On 3 June 2016, MD received from the Mayor of Belgrade, a notice
requesting the termination of the lease agreement MD has in respect
of the Marina Dorcol Project in Belgrade, Serbia ("notice").
Management believes that the notice that was received by MD
should not be considered as a valid termination of the lease from
legal point of view as at 30 June 2016; however, it indicated the
municipality's intention considering the overdue liability of the
Group as of the end of the reporting period.
On 22 July 2016, the Municipality delivered MD a unilateral
termination of the lease agreement over the Marina Dorcol Project
in Belgrade, Serbia ("termination letter").
As a result of the above, the Company reclassified the finance
lease liability in the amount of EUR 7,737 thousands, which was
presented as a non-current liability, as a current liability.
MD filed a dispute over the above termination letter, as based
on the legal advice it has received, according to which the
termination procedure has not been done according to the lease
agreement. Based on its lawyers' estimations, it is still premature
to determine the results of this dispute.
As the Company does not accept the reasons for the termination,
the Company should initiate a procedure before the Commercial Court
in Belgrade (or, potentially, to file investment claim to the
competent arbitration panel) for the determination of the validity
of the request for the termination and whether the request is based
on valid legal and commercial reasons.
Management expects that the final result of the termination
would be the restitution of the amounts paid by the Company in
respect of MD based on the agreements with the Municipality, less
the amount of compensation to the Municipality for usage of such
land for the period of duration of lease and for compensation of
damages which occurred to the Municipality, if any. The Group is
currently in the process of negotiation with the Municipality about
the amount and timing of the restitution.

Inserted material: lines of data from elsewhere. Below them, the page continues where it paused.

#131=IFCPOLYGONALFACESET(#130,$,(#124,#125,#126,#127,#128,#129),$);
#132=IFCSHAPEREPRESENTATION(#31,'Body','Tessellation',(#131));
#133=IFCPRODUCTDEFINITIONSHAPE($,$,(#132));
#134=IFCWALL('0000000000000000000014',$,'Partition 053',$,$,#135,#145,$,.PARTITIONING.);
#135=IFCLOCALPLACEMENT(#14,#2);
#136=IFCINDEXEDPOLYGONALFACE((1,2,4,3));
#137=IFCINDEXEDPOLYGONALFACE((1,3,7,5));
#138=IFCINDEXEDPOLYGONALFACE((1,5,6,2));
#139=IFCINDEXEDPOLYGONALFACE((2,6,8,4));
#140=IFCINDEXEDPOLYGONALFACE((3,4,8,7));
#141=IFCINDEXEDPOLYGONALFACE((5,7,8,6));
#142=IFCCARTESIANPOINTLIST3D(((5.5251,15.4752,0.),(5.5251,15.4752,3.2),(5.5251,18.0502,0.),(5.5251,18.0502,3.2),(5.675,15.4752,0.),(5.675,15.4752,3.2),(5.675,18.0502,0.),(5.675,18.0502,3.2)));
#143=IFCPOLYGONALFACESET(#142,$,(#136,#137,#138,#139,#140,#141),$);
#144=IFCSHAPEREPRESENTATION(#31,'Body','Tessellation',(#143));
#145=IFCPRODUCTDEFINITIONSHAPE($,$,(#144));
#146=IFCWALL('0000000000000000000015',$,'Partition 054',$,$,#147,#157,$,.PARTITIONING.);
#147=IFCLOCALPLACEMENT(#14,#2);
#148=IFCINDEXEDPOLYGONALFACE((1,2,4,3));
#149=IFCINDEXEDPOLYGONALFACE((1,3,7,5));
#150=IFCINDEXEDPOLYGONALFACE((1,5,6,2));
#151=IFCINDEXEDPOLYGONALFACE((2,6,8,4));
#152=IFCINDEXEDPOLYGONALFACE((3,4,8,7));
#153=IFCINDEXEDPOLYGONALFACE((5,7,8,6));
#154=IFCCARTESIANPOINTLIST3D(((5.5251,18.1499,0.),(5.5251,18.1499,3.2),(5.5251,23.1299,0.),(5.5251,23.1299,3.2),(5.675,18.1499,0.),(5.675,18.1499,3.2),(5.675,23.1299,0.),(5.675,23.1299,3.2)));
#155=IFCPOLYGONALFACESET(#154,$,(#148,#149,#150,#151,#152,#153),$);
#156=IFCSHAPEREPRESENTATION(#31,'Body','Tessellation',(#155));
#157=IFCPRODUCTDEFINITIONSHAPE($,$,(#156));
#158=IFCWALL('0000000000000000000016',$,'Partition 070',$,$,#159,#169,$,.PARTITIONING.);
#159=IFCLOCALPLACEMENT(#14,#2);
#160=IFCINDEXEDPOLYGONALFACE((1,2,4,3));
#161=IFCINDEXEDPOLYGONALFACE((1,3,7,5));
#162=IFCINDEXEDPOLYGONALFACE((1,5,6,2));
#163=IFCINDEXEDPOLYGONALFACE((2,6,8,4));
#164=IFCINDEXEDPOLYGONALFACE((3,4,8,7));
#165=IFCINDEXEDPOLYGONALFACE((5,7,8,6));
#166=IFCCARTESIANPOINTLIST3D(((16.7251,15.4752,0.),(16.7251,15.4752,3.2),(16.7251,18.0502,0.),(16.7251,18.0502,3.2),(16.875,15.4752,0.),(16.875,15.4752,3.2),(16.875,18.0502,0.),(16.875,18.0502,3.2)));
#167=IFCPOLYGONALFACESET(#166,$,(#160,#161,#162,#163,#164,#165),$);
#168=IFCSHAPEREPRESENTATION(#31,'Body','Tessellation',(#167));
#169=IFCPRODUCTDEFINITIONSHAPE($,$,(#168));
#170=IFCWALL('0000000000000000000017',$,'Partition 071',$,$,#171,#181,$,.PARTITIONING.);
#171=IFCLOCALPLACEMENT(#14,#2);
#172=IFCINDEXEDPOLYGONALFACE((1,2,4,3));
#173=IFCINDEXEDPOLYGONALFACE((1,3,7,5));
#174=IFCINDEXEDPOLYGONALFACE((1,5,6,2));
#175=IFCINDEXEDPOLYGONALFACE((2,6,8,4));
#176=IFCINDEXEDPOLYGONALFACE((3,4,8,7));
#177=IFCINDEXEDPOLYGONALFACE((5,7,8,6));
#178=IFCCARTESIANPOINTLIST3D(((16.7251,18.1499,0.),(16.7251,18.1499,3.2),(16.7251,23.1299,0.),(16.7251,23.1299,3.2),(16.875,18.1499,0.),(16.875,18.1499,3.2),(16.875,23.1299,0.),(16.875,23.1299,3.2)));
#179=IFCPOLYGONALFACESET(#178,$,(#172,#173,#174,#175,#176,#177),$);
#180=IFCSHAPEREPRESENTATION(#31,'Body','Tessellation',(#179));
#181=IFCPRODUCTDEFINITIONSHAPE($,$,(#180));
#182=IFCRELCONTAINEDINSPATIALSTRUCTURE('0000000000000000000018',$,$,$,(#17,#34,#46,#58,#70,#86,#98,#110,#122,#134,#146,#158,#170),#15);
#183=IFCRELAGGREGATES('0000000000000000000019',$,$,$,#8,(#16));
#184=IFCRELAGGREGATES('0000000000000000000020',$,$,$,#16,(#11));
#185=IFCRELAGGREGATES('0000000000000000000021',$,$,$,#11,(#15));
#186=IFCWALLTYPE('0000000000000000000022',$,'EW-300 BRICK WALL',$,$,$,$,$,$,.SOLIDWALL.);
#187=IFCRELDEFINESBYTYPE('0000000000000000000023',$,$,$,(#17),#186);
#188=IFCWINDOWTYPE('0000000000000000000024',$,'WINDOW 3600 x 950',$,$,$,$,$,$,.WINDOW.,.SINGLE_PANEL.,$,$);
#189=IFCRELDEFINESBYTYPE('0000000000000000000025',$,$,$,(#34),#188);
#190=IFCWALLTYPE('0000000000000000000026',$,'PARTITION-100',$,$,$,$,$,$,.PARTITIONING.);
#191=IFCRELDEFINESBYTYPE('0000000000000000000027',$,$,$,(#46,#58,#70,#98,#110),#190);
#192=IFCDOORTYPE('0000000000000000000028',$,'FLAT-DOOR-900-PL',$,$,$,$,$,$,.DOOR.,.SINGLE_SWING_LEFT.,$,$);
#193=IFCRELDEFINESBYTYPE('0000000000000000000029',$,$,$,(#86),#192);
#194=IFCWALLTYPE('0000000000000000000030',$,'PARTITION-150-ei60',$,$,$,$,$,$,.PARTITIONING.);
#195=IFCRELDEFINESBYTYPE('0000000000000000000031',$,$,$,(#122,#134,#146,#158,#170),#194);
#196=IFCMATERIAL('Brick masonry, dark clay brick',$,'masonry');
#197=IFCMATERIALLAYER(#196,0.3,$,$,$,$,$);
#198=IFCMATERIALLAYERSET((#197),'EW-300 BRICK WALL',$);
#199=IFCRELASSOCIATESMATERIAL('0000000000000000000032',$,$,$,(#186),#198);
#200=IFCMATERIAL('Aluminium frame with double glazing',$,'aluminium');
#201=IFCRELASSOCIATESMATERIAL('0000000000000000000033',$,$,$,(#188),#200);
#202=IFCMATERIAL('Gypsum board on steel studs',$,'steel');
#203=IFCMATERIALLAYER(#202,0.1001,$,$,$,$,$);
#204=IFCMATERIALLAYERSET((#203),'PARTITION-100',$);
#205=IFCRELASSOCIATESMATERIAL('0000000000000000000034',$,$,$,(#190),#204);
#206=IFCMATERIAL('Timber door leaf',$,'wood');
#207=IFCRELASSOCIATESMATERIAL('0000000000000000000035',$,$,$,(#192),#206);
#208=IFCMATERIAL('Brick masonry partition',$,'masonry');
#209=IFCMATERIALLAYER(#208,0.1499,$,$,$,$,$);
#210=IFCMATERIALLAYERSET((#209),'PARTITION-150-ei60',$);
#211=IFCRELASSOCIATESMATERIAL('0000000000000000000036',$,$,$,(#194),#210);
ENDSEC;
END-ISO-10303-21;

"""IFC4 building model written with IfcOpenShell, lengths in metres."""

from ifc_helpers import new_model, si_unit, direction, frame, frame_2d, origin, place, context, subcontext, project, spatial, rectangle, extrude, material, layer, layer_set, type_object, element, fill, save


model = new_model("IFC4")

Management expects that following the termination it would have
a net cash inflow from the above restitution, however, the net cash
flow and the timing to conclude the settlement with the
Municipality cannot be predicted at this stage with any
certainty.
Based on the interim financial statements as of 30 June 2016 and
excluding the net cash inflow that is expected to arise upon
termination, the Company's management estimates the impact on the
Group's financial position would be a decrease of the non-current
assets by EUR 25,459 thousands thousand, a decrease of the
liabilities by EUR 44,982 thousands and an increase in the Group's
profit or loss and equity by EUR 19,523 thousands (before tax
effect, if any).
b. Support from Engel Resources and Development Ltd.
In order to manage its financial situation, the Company
approached in the previous periods Engel Resources and Development
Ltd. ("ERD"), the parent company of the Company's immediate parent
company, Engel General Developers Ltd. ("EGD"), to provide
additional financial assistance to fund the Company's immediate
liabilities.
As of 30 June 2016, the outstanding debt toward ERD is EUR
25,509 thousands and is due by 30 September 2016. During the
reporting period, ERD did not provide any additional bridge loans
to the Company.
In order to finance the Company's immediate liabilities and to
stabilise its financial position, management has acted to realise
several assets during the recent reporting periods.

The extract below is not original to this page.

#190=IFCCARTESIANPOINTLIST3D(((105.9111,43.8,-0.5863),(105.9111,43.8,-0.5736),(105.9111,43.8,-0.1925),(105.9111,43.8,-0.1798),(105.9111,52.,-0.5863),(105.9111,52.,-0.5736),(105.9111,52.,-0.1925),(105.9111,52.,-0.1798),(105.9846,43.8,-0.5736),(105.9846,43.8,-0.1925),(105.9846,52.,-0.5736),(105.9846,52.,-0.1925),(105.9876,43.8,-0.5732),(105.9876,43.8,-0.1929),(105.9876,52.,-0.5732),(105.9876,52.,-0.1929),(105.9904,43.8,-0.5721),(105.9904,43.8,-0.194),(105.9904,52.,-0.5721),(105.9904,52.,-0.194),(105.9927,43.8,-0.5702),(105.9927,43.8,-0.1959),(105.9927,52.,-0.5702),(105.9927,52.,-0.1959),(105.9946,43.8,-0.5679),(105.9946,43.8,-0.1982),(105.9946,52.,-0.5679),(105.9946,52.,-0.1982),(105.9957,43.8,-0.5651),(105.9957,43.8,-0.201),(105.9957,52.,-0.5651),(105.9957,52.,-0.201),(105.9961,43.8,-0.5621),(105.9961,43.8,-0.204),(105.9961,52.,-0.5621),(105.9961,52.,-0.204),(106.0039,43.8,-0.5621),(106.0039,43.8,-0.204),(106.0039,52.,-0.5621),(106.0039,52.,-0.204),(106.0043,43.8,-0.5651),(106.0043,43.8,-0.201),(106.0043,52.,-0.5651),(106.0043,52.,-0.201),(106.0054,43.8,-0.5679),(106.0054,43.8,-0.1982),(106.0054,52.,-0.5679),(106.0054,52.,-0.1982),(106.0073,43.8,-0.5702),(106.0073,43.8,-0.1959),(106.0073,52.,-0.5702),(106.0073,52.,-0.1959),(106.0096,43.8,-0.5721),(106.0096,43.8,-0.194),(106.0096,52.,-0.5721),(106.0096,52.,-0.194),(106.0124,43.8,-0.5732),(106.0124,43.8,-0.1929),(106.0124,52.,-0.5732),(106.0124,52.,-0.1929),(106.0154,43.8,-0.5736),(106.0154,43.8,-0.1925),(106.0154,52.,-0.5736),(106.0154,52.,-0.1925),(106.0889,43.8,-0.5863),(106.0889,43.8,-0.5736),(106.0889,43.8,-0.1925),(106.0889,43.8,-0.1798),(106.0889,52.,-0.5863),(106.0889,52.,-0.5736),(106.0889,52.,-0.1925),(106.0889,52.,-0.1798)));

ERD support is still needed in the form that it extends the
repayment date of its loans beyond 30 September 2016.
c. Conclusion
At 30 June 2016, the Group has current liabilities totalling EUR
77,350 thousands thousand, which exceeds its current assets
amounting to EUR 7,409 thousands and a negative equity which
amounts to EUR 43,740 thousands thousands.
The financial statements are prepared based on a going concern
basis. However, management believes that the above mentioned
conditions (i.e. breach of its obligation to make finance lease
payments and the requirement to extend the loans granted by ERD)

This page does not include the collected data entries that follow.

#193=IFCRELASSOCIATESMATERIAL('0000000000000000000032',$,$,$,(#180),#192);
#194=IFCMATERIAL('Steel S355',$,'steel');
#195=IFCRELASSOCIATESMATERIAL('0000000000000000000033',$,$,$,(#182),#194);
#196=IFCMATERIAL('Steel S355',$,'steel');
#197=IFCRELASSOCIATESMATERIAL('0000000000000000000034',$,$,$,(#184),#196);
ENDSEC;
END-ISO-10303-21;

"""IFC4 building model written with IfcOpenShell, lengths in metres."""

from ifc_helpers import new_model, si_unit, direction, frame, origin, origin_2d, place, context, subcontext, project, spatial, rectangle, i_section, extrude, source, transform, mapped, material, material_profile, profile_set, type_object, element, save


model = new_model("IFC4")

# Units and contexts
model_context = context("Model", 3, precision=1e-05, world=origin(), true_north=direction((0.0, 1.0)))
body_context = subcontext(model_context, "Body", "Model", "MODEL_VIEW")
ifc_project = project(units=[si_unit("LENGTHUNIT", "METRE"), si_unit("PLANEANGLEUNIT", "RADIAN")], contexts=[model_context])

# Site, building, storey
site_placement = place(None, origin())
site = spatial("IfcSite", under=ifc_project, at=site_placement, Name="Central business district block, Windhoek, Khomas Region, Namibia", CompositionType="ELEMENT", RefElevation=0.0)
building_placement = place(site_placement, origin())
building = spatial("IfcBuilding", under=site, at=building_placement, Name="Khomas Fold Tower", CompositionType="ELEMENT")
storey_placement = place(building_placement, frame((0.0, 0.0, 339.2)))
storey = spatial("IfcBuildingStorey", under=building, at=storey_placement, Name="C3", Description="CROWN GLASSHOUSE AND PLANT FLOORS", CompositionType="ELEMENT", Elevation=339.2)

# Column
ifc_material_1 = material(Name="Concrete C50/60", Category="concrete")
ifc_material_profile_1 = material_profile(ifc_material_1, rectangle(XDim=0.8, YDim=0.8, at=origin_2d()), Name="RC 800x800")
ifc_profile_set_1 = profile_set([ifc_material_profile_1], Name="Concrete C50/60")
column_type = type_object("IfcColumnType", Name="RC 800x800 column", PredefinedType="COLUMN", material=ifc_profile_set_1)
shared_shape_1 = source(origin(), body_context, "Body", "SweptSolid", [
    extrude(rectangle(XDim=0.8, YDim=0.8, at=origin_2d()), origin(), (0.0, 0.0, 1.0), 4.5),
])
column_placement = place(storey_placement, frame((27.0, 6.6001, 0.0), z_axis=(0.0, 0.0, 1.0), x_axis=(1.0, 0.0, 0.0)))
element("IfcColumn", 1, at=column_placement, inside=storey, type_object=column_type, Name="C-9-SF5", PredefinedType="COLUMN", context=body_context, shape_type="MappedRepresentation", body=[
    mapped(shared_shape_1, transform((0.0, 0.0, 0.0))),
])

indicate the existence of material uncertainties which cast
significant doubt on the Group's ability to continue as a going
concern.
Should the going concern assumption not be appropriate,
adjustments would have to be made to reflect a situation where the
assets may need to be realised other than in the normal course of
business and at amounts which could differ significantly from the
amounts stated in the interim financial statements.
NOTE 5 - FINANCIAL RISK MANAGEMENT
All the aspects of the Group's financial risk management
objectives and policies are consistent with that disclosed in the
consolidated financial statements as at and for the year ended 31
December 2015.
a. Liquidity risk
Liquidity risk is the risk that the Group will encounter
difficulty in meeting the obligations associated with its financial
liabilities that are settled by delivering cash or another
financial asset. The Group's approach to managing liquidity is to
ensure, as far as possible, that it will have sufficient liquidity
to meet its liabilities when they are due, under both normal and
stressed conditions, without incurring unacceptable losses or
risking damage to the Group's reputation.
In order to handle the liquidity risk of the Company the
management decided to realise several assets during the reporting
period in Czech Republic and Canada. In addition the Company is
acting to minimise its operational costs.
See note 4 which includes the Group's going concern analysis and
describes the financial difficulties and liquidity risks.
b. Carrying amounts and fair values
The carrying amounts of certain short term financial assets and
liabilities expected to be settled within 12 months, including cash
and cash equivalents, trade payables and other payables were deemed
to be equal to their fair values.
The fair values of other financial assets and financial
liabilities, together with the carrying amounts shown in the
statement of financial position, are as follows:
31 December
30 June 2016 2015
------------------ ------------------
Carrying Fair Carrying Fair
amount value amount value
--------- ------- --------- -------
EUR'000
--------------------------------------
Total financial assets
Loans and amounts to related
parties 567 568 2,938 2,942
--------- ------- --------- -------
567 568 2,938 2,942
========= ======= ========= =======
Total financial liabilities
Interest-bearing loans
from banks - - 3,583 3,541
Loans and amounts due
to related parties and
joint ventures 25,901 25,758 25,576 25,805
Finance lease liability 44,982 44,228 43,479 42,716
--------- ------- --------- -------
70,883 69,986 72,638 72,062
========= ======= ========= =======
Reconciliation of the financial assets carrying amounts:
30 June 31 December
2016 2015
-------- ------------
EUR'000
----------------------
Loans and amounts to related parties 567 2,938
Impairment due to negative investment
in equity-accounted investment (521) (894)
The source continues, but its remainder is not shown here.